Unfortunately, this is only a partial success. Just like with overwriting `object`, all this
has done was to create a difference between classes that use `type` as metaclass explicitly 
and classes that don't.

In [30]:
class AExplicitMeta(metaclass=type):
    pass

class AImplicitMeta:
    pass

print(f"{AExplicitMeta().__getstate__()=}")
print(f"{AExplicitMeta.__mro__=}")
print("--------------------------------------")
print(f"{AImplicitMeta().__getstate__()=}")
print(f"{AImplicitMeta.__mro__=}")

AExplicitMeta().__getstate__()={}
AExplicitMeta.__mro__=(<class '__main__.AExplicitMeta'>, <class '__main__.GetstateMixin'>, <class 'object'>)
--------------------------------------
AImplicitMeta().__getstate__()=None
AImplicitMeta.__mro__=(<class '__main__.AImplicitMeta'>, <class 'object'>)


We can't fight the compiler. Or maybe we can, but I don't know how. Feel free to
fire up a PR if you want to hack even deeper and find a solution!

## Conclusion

We can't fully override builtin behavior because this behavior is not only
rooted in the `builtins` module but also somewhere else. We can only somehow
override it, by making explicit invocations of `object` and `type` behave
differently, but that's really not satisfactory...

In any case, trying that was a bad idea from the start! Although having
`__getstate__` return `None` for objects without a state seems like a bad idea
as well, so the goal was a noble one. Note, however, that two times minus
usually doesn't turn to plus in software development.
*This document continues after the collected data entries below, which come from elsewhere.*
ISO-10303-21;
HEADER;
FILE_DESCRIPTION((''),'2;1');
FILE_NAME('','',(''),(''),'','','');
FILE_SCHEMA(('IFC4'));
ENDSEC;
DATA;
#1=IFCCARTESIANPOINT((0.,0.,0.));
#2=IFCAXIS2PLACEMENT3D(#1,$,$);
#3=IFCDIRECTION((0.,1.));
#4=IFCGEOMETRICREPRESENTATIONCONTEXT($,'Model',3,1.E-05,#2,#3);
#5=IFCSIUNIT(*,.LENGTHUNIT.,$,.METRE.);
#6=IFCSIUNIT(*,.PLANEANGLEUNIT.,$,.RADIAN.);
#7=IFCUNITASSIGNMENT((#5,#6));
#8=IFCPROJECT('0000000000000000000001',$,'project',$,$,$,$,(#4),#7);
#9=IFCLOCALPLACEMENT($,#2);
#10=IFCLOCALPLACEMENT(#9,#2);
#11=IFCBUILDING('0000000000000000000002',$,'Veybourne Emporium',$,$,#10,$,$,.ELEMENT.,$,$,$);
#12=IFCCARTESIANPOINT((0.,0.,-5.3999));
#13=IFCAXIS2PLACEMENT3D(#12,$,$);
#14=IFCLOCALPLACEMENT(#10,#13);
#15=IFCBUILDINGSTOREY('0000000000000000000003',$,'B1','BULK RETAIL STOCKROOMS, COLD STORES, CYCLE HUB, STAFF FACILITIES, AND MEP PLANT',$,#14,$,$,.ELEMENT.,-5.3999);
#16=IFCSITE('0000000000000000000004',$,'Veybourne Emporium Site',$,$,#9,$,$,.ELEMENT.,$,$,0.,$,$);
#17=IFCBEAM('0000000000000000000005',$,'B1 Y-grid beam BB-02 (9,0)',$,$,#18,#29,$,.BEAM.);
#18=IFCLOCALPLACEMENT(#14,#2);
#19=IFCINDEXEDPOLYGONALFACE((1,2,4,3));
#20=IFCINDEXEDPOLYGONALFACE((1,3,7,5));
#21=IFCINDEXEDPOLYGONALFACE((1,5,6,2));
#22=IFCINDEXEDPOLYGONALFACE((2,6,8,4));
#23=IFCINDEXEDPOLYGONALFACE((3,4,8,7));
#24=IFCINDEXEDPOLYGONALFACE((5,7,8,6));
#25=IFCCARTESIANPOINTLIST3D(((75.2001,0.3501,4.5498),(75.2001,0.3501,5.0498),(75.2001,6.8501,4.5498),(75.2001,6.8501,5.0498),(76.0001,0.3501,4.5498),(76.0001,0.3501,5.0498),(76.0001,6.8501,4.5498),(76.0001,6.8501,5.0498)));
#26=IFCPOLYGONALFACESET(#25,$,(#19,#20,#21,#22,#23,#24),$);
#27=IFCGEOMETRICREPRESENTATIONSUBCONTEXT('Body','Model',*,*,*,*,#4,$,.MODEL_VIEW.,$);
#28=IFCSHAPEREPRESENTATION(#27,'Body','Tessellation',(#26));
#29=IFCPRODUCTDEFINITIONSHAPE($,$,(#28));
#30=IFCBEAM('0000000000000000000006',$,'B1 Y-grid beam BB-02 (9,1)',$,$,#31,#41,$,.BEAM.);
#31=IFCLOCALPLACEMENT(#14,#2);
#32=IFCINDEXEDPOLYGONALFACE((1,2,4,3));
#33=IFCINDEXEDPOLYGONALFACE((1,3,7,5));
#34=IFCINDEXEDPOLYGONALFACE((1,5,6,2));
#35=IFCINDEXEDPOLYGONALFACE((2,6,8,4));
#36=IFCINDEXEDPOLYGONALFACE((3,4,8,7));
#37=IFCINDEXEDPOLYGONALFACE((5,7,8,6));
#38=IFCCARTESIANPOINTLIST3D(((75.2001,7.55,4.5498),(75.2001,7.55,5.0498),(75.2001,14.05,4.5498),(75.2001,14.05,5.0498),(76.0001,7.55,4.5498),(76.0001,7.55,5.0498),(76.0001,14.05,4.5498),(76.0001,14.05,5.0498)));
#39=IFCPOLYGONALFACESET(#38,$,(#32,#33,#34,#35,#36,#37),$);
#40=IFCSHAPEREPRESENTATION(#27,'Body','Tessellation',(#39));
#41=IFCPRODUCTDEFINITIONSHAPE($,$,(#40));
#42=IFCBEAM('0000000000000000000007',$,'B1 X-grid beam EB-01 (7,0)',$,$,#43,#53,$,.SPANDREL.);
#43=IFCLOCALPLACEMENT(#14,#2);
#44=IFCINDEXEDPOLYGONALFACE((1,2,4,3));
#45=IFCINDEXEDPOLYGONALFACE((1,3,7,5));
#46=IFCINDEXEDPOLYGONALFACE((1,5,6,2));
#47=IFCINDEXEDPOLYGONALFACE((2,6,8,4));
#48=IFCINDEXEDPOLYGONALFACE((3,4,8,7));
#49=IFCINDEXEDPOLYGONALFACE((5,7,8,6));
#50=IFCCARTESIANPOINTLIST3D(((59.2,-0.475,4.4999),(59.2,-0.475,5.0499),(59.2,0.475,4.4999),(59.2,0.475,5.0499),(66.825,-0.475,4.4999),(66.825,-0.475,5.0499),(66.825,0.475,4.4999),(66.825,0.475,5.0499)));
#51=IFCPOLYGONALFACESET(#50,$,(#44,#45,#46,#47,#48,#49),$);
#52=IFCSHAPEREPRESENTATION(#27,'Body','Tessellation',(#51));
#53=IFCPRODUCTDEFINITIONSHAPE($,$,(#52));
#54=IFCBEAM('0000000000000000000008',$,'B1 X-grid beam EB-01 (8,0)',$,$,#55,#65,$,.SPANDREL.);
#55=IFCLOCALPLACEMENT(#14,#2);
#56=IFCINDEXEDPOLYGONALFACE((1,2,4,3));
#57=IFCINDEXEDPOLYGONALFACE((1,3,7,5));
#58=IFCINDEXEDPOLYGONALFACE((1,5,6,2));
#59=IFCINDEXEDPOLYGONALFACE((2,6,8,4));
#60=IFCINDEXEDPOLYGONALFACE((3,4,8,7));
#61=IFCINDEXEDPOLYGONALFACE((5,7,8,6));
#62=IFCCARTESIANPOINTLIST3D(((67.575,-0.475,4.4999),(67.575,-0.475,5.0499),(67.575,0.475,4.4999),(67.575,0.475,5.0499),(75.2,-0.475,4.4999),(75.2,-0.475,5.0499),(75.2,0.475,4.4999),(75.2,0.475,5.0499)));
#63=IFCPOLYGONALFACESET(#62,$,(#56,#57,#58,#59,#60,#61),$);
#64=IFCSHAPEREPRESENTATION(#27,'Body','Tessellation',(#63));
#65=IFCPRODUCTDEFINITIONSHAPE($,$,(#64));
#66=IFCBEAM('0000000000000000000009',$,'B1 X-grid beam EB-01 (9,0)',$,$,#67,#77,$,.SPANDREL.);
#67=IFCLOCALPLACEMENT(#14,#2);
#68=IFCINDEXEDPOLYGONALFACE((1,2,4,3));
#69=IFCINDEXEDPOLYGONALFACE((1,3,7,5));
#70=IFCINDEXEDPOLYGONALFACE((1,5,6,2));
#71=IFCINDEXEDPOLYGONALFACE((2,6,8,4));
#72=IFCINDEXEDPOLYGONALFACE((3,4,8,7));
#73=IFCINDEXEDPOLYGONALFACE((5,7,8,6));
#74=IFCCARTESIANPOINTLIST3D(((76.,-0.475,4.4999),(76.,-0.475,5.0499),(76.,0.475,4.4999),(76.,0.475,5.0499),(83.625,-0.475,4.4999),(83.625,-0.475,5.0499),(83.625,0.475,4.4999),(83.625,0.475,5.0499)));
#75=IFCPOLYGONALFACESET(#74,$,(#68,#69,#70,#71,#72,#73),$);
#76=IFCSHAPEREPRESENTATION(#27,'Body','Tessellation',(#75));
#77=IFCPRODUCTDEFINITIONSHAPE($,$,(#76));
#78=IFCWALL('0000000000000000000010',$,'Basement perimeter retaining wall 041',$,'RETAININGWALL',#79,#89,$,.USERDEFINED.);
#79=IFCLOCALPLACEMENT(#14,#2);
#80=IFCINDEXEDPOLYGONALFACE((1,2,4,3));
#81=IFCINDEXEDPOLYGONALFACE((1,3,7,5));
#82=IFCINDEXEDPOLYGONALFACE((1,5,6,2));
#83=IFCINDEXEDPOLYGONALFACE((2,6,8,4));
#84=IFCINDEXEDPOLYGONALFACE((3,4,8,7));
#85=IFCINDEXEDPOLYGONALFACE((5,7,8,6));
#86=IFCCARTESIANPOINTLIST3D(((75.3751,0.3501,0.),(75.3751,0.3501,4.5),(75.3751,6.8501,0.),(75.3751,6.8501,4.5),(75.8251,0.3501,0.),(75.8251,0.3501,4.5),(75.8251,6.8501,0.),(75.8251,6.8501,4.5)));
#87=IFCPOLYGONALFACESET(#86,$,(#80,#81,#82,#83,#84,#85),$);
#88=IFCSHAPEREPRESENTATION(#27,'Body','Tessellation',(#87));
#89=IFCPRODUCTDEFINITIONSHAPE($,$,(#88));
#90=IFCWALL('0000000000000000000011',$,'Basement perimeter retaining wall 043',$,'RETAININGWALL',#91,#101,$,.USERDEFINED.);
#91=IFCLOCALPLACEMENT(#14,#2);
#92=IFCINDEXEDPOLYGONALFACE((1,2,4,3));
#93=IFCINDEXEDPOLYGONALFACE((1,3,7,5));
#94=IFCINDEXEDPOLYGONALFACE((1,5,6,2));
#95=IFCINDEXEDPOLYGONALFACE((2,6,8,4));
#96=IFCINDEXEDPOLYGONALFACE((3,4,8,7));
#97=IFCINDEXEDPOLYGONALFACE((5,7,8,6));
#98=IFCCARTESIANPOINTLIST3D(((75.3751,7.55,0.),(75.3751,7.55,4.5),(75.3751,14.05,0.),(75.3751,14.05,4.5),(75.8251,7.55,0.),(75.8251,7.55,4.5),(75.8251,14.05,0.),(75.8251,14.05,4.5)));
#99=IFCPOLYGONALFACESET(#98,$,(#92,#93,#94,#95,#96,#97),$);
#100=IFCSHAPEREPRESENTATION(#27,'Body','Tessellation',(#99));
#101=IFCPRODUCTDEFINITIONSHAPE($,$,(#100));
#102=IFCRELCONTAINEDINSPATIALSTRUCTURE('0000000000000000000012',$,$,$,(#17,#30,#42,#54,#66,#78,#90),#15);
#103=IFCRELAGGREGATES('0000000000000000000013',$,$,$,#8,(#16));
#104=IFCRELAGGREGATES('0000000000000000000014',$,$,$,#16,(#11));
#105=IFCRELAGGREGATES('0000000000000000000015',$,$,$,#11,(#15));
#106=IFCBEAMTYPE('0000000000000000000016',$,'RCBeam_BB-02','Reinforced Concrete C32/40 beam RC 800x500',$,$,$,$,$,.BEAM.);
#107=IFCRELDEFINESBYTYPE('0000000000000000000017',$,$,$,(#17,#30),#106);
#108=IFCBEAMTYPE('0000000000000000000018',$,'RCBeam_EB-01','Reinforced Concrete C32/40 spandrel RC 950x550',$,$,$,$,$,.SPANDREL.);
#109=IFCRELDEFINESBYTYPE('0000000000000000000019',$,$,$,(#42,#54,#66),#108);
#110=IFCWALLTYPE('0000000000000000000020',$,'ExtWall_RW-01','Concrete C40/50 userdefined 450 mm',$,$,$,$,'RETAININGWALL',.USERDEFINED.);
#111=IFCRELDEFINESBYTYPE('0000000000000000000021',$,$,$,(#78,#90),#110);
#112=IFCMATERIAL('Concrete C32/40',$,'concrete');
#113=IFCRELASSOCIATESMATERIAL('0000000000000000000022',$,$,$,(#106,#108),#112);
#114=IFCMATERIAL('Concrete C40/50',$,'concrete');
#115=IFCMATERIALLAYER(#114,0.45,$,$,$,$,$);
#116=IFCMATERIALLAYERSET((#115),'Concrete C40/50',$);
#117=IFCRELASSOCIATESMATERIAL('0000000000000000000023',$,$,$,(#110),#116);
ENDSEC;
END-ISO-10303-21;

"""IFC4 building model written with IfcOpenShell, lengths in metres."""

from ifc_helpers import new_model, si_unit, direction, frame, frame_2d, origin, origin_2d, place, context, subcontext, project, spatial, rectangle, extrude, material, layer, layer_set, material_profile, profile_set, type_object, element, save


model = new_model("IFC4")

# Units and contexts
model_context = context("Model", 3, precision=1e-05, world=origin(), true_north=direction((0.0, 1.0)))
body_context = subcontext(model_context, "Body", "Model", "MODEL_VIEW")
ifc_project = project(units=[si_unit("LENGTHUNIT", "METRE"), si_unit("PLANEANGLEUNIT", "RADIAN")], contexts=[model_context])

# Site, building, storey
site_placement = place(None, origin())
site = spatial("IfcSite", under=ifc_project, at=site_placement, Name="Veybourne Emporium Site", CompositionType="ELEMENT", RefElevation=0.0)
building_placement = place(site_placement, origin())
building = spatial("IfcBuilding", under=site, at=building_placement, Name="Veybourne Emporium", CompositionType="ELEMENT")
storey_placement = place(building_placement, frame((0.0, 0.0, -5.3999)))
storey = spatial("IfcBuildingStorey", under=building, at=storey_placement, Name="B1", Description="BULK RETAIL STOCKROOMS, COLD STORES, CYCLE HUB, STAFF FACILITIES, AND MEP PLANT", CompositionType="ELEMENT", Elevation=-5.3999)

# Shared definitions
ifc_material_1 = material(Name="Concrete C40/50", Category="concrete")

# Beams
ifc_material_2 = material(Name="Concrete C32/40", Category="concrete")
ifc_material_profile_1 = material_profile(ifc_material_2, rectangle(XDim=0.8, YDim=0.5, at=origin_2d()), Name="RC 800x500")
ifc_profile_set_1 = profile_set([ifc_material_profile_1], Name="Concrete C32/40")
beam_type_1 = type_object("IfcBeamType", Name="RCBeam_BB-02", Description="Reinforced Concrete C32/40 beam RC 800x500", PredefinedType="BEAM", material=ifc_profile_set_1)
for number, where, z_axis, x_axis, name in (
    (1, (75.6001, 0.3501, 4.7998), (0.0, 1.0, 0.0), (-1.0, 0.0, 0.0), "B1 Y-grid beam BB-02 (9,0)"),
    (2, (75.6001, 7.55, 4.7998), (0.0, 1.0, 0.0), (-1.0, 0.0, 0.0), "B1 Y-grid beam BB-02 (9,1)"),
):
    element("IfcBeam", number, at=place(storey_placement, frame(where, z_axis=z_axis, x_axis=x_axis)), inside=storey, type_object=beam_type_1, Name=name, PredefinedType="BEAM", context=body_context, shape_type="SweptSolid", body=[
        extrude(rectangle(XDim=0.8, YDim=0.5, at=origin_2d()), origin(), (0.0, 0.0, 1.0), 6.5),
    ])
ifc_material_profile_2 = material_profile(ifc_material_2, rectangle(XDim=0.95, YDim=0.55, at=origin_2d()), Name="RC 950x550")
ifc_profile_set_2 = profile_set([ifc_material_profile_2], Name="Concrete C32/40")
beam_type_2 = type_object("IfcBeamType", Name="RCBeam_EB-01", Description="Reinforced Concrete C32/40 spandrel RC 950x550", PredefinedType="SPANDREL", material=ifc_profile_set_2)
for number, where, z_axis, x_axis, name in (
    (3, (59.2, 0.0, 4.7749), (1.0, 0.0, 0.0), (0.0, 1.0, 0.0), "B1 X-grid beam EB-01 (7,0)"),
    (4, (67.575, 0.0, 4.7749), (1.0, 0.0, 0.0), (0.0, 1.0, 0.0), "B1 X-grid beam EB-01 (8,0)"),
    (5, (76.0, 0.0, 4.7749), (1.0, 0.0, 0.0), (0.0, 1.0, 0.0), "B1 X-grid beam EB-01 (9,0)"),
):
    element("IfcBeam", number, at=place(storey_placement, frame(where, z_axis=z_axis, x_axis=x_axis)), inside=storey, type_object=beam_type_2, Name=name, PredefinedType="SPANDREL", context=body_context, shape_type="SweptSolid", body=[
        extrude(rectangle(XDim=0.95, YDim=0.55, at=origin_2d()), origin(), (0.0, 0.0, 1.0), 7.625),
    ])

# Walls
ifc_layer = layer(ifc_material_1, 0.45)
ifc_layer_set = layer_set([ifc_layer], Name="Concrete C40/50")
wall_type = type_object("IfcWallType", Name="ExtWall_RW-01", Description="Concrete C40/50 userdefined 450 mm", ElementType="RETAININGWALL", PredefinedType="USERDEFINED", material=ifc_layer_set)
for number, where, z_axis, x_axis, name in (
    (6, (75.6001, 0.3501, 0.0), (0.0, 0.0, 1.0), (0.0, 1.0, 0.0), "Basement perimeter retaining wall 041"),
    (7, (75.6001, 7.55, 0.0), (0.0, 0.0, 1.0), (0.0, 1.0, 0.0), "Basement perimeter retaining wall 043"),
):
    element("IfcWall", number, at=place(storey_placement, frame(where, z_axis=z_axis, x_axis=x_axis)), inside=storey, type_object=wall_type, Name=name, ObjectType="RETAININGWALL", PredefinedType="USERDEFINED", context=body_context, shape_type="SweptSolid", body=[
        extrude(rectangle(XDim=6.5, YDim=0.45, at=frame_2d((3.25, 0.0))), origin(), (0.0, 0.0, 1.0), 4.5),
    ])

save(model, "model.ifc")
## Last Remarks: Advice on Backwards Compatibility with Pickling

Here some actual things you could and should do to prevent deserialization
errors:

1. Use `__setstate__`. I usually use the [setstate utility from sensAI](https://github.com/aai-institute/sensAI/blob/1d5d3d3bcd2b041d0d3084076a863d2b19f179db/src/sensai/util/pickle.py#L154)
which provides a very convenient way of taking care of backwards compatibility.
2. Write a `Serializable` class and always inherit from it
for all objects that are meant to be persisted. This is also a useful marker
interface, so you can easilly find all things that are expected to be serialized
by you or by users

```python 
class Serializable: 
    def __getstate__(self): 
        return self.__dict__
```
3. If you rename classes, add the old names to keep backwards compatibility.
Note that you can do that inside a function that you then call in the module, this way
the old name won't exist for code-analysis tools and won't appear in suggestions to import.
This looks something like this (imagine code within some python module):

```python

# was previously called AOld
class ANew:
    pass

def _restore_backwards_compatibility():
    global AOld
    AOld = ANew

# For new users and for yourself AOld has disappeard from all IDE suggestions, but
# by calling this you add it to the global scope, and thus in reality it will be there
_restore_backwards_compatibility()
```

4. Set up tests that previously pickled objects can still be unpickled. It's fairly easy
to do, just save instances of some classes as test resources, load them 
with pickle in tests and
tests basic properties like access to attributes and `isinstance` checks.